When blocking, muting, engaging, and ignoring doesn’t work, perhaps the best remedy to being the recipient of online abuse is giving back.
No, not with hate – giving back to a worthy cause.
That’s what 34-year-old Muslim woman Susan Carland, who converted to Islam when she was 19, is doing after receiving a barrage of anti-Islamic insults on Twitter and other social networks.
“One day [after] reading the merry stream of toxicity directed towards me, I wondered what the most edifyingly Islamic response I could give would be,” she says. That response? Donating $1 to UNICEF for every hate-filled tweet she received. Three weeks ago, she had already donated over $1000.
I donate $1 to @UNICEF for each hate-filled tweet I get from trolls. Nearly at $1000 in donations. The needy children thank you, haters!

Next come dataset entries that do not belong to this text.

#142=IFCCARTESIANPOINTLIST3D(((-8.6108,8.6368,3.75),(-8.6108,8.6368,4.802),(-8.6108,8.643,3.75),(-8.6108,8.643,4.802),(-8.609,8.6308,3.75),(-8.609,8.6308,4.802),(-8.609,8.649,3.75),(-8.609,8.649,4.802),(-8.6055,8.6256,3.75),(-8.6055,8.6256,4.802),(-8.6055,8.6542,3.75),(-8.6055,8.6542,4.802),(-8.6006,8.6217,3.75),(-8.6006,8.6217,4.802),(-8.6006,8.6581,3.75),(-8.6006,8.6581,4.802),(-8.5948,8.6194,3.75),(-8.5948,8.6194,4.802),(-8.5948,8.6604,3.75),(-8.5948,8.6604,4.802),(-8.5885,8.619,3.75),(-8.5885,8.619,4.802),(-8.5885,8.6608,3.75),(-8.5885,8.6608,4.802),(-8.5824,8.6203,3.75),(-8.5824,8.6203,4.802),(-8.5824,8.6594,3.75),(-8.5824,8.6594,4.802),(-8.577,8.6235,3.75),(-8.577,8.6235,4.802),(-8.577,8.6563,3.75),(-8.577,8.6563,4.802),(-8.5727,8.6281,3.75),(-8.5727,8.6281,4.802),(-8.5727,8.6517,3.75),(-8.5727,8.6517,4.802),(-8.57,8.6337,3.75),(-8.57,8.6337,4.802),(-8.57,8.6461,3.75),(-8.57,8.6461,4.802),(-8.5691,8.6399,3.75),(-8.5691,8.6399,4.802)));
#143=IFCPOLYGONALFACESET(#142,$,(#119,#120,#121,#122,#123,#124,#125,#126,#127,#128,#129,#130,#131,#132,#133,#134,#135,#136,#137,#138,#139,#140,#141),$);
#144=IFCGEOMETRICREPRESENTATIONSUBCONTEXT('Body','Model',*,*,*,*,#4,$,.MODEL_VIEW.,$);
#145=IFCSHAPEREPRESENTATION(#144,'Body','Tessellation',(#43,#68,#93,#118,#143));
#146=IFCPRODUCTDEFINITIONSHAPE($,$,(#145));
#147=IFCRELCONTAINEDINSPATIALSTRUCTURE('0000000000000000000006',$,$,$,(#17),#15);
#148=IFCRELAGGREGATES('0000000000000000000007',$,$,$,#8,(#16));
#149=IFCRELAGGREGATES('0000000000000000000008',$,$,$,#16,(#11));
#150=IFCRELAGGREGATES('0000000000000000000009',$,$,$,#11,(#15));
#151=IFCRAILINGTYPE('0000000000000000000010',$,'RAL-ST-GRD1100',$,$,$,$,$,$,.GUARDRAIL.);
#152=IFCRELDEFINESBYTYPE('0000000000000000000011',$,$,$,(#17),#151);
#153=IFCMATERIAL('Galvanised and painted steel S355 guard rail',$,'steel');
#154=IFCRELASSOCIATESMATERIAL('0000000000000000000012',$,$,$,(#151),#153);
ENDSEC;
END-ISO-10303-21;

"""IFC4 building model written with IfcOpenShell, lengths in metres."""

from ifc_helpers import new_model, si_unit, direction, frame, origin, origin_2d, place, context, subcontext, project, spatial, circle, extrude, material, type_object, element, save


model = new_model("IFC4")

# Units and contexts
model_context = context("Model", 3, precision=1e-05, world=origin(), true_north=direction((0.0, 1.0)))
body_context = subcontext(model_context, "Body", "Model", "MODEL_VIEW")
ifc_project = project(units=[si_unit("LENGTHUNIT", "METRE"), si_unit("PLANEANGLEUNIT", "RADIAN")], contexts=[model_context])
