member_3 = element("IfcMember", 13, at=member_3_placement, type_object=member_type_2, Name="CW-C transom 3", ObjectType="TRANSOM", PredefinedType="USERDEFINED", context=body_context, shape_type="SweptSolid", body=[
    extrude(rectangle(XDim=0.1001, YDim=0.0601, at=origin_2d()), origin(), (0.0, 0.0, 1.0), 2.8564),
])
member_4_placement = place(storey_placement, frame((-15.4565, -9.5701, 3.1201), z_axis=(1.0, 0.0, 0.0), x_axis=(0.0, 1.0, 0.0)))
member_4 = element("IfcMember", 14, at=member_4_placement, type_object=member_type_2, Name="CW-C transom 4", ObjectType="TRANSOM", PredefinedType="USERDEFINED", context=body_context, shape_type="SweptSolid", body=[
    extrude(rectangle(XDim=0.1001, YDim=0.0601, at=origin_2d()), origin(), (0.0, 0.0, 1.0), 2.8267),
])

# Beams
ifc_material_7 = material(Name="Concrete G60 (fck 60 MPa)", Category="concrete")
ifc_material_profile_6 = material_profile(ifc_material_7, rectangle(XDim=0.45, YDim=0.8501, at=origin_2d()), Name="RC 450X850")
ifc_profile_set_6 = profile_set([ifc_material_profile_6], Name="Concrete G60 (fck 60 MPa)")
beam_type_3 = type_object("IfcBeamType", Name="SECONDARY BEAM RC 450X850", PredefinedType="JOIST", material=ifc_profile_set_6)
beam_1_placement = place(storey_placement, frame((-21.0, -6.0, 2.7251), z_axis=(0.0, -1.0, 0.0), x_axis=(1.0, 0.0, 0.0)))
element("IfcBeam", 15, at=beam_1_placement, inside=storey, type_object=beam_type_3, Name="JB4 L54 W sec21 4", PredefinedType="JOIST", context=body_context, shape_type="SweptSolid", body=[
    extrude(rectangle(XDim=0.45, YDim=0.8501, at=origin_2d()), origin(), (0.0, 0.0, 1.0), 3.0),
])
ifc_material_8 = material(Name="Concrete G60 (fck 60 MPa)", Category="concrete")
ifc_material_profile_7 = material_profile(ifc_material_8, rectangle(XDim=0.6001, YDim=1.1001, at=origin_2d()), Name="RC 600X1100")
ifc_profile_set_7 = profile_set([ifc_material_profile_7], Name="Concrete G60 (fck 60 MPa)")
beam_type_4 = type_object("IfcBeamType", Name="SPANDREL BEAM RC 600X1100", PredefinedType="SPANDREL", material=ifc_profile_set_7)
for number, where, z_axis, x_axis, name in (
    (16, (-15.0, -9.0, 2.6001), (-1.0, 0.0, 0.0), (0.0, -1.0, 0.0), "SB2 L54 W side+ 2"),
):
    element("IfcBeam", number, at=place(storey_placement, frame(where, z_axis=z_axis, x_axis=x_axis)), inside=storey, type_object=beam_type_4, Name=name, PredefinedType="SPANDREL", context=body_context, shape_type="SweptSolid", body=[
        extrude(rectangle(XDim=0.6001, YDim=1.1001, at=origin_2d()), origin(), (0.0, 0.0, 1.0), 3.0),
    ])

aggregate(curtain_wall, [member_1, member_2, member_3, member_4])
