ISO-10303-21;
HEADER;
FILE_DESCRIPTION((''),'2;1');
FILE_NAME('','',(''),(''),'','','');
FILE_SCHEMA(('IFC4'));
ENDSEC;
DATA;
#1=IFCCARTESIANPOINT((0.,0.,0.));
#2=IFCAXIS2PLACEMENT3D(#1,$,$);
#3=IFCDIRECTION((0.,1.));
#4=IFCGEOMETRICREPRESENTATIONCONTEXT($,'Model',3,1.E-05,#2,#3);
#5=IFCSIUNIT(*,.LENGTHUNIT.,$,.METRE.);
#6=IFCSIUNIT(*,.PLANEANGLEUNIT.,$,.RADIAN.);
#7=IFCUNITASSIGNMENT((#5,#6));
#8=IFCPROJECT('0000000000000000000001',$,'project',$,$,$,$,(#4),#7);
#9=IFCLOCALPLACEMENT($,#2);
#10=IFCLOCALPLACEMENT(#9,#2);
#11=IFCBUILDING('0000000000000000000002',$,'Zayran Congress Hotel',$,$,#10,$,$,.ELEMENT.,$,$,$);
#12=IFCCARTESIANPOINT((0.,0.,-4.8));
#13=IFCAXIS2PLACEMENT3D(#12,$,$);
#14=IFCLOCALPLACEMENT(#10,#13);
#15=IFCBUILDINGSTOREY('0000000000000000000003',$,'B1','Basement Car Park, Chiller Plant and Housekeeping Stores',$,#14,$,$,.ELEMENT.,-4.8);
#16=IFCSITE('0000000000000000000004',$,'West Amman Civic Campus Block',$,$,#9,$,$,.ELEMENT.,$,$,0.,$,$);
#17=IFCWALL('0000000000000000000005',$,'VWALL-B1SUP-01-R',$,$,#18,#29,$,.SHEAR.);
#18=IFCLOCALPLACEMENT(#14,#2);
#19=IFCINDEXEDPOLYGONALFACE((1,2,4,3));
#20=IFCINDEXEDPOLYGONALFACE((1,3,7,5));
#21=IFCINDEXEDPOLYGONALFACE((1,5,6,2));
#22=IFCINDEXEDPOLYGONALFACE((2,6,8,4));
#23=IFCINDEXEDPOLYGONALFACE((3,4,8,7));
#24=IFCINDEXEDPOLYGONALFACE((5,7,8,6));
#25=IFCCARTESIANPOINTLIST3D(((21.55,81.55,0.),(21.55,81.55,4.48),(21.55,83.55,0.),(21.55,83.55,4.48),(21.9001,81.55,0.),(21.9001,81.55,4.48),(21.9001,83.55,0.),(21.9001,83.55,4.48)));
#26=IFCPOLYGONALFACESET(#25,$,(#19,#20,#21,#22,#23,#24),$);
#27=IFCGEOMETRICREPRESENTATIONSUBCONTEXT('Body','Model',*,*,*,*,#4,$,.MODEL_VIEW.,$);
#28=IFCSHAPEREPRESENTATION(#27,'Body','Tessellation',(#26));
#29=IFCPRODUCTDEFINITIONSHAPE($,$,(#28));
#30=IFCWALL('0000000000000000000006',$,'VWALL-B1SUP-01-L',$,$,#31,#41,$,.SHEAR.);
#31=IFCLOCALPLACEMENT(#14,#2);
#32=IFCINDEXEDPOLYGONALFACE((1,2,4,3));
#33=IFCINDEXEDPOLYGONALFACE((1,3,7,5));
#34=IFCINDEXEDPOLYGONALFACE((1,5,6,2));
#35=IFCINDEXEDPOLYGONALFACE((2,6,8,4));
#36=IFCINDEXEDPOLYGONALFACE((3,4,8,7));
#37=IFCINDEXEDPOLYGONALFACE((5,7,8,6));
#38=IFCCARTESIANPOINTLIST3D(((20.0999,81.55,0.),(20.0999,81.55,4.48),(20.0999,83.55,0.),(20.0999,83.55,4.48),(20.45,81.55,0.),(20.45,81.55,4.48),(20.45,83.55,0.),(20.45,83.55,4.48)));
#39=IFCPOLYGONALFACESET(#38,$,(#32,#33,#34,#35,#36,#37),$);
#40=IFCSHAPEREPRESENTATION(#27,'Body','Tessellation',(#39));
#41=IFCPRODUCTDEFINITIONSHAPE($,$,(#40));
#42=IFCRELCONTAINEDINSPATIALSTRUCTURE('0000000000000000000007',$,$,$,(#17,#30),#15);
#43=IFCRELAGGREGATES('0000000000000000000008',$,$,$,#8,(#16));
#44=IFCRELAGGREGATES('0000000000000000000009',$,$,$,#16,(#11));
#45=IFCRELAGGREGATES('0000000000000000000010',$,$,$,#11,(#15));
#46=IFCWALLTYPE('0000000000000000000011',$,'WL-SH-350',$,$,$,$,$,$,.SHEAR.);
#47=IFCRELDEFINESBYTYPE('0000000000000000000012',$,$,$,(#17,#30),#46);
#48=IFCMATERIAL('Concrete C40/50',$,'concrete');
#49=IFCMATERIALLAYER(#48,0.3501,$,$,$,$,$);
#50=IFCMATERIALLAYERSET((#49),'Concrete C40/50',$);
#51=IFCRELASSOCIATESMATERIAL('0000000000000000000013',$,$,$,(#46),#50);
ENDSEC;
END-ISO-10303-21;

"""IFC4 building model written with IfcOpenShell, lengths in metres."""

from ifc_helpers import new_model, si_unit, direction, frame, frame_2d, origin, place, context, subcontext, project, spatial, rectangle, extrude, material, layer, layer_set, type_object, element, save


model = new_model("IFC4")

# Units and contexts
model_context = context("Model", 3, precision=1e-05, world=origin(), true_north=direction((0.0, 1.0)))
body_context = subcontext(model_context, "Body", "Model", "MODEL_VIEW")
ifc_project = project(units=[si_unit("LENGTHUNIT", "METRE"), si_unit("PLANEANGLEUNIT", "RADIAN")], contexts=[model_context])

# Site, building, storey
site_placement = place(None, origin())
site = spatial("IfcSite", under=ifc_project, at=site_placement, Name="West Amman Civic Campus Block", CompositionType="ELEMENT", RefElevation=0.0)
building_placement = place(site_placement, origin())
building = spatial("IfcBuilding", under=site, at=building_placement, Name="Zayran Congress Hotel", CompositionType="ELEMENT")
storey_placement = place(building_placement, frame((0.0, 0.0, -4.8)))
storey = spatial("IfcBuildingStorey", under=building, at=storey_placement, Name="B1", Description="Basement Car Park, Chiller Plant and Housekeeping Stores", CompositionType="ELEMENT", Elevation=-4.8)

# Shared definitions
ifc_material = material(Name="Concrete C40/50", Category="concrete")

# Walls
ifc_layer = layer(ifc_material, 0.3501)
ifc_layer_set = layer_set([ifc_layer], Name="Concrete C40/50")
wall_type = type_object("IfcWallType", Name="WL-SH-350", PredefinedType="SHEAR", material=ifc_layer_set)
for number, where, z_axis, x_axis, name in (
    (1, (21.7251, 81.55, 0.0), (0.0, 0.0, 1.0), (0.0, 1.0, 0.0), "VWALL-B1SUP-01-R"),
    (2, (20.2749, 81.55, 0.0), (0.0, 0.0, 1.0), (0.0, 1.0, 0.0), "VWALL-B1SUP-01-L"),
):
    element("IfcWall", number, at=place(storey_placement, frame(where, z_axis=z_axis, x_axis=x_axis)), inside=storey, type_object=wall_type, Name=name, PredefinedType="SHEAR", context=body_context, shape_type="SweptSolid", body=[
        extrude(rectangle(XDim=2.0, YDim=0.3501, at=frame_2d((1.0, 0.0))), origin(), (0.0, 0.0, 1.0), 4.48),
    ])

save(model, "model.ifc")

— Susan Carland (@SusanCarland) October 21, 2015
Unsurprisingly, this tweet generated further hate-filled messages, which is great terrible we don’t know. Her action has inspired others to join the stream of donations.
@SusanCarland I’ll throw in $100 for @UNICEF and one nice tweet: you’re awesome.
— Catherine Gleeson (@CathGleeson) November 12, 2015
@SusanCarland @UNICEF I’ll match your donations to UNICEF (to $2,000). Please let me know the final amount.
— kevin armstrong (@kw8xi8) November 13, 2015
“By refusing to let the hate of others mould me, I am more secure and relaxed in my own identity than ever,” says Carland about her philanthropic reaction to bigotry.
Haters gonna hate. Victims gonna donate. Kids in need gonna celebrate.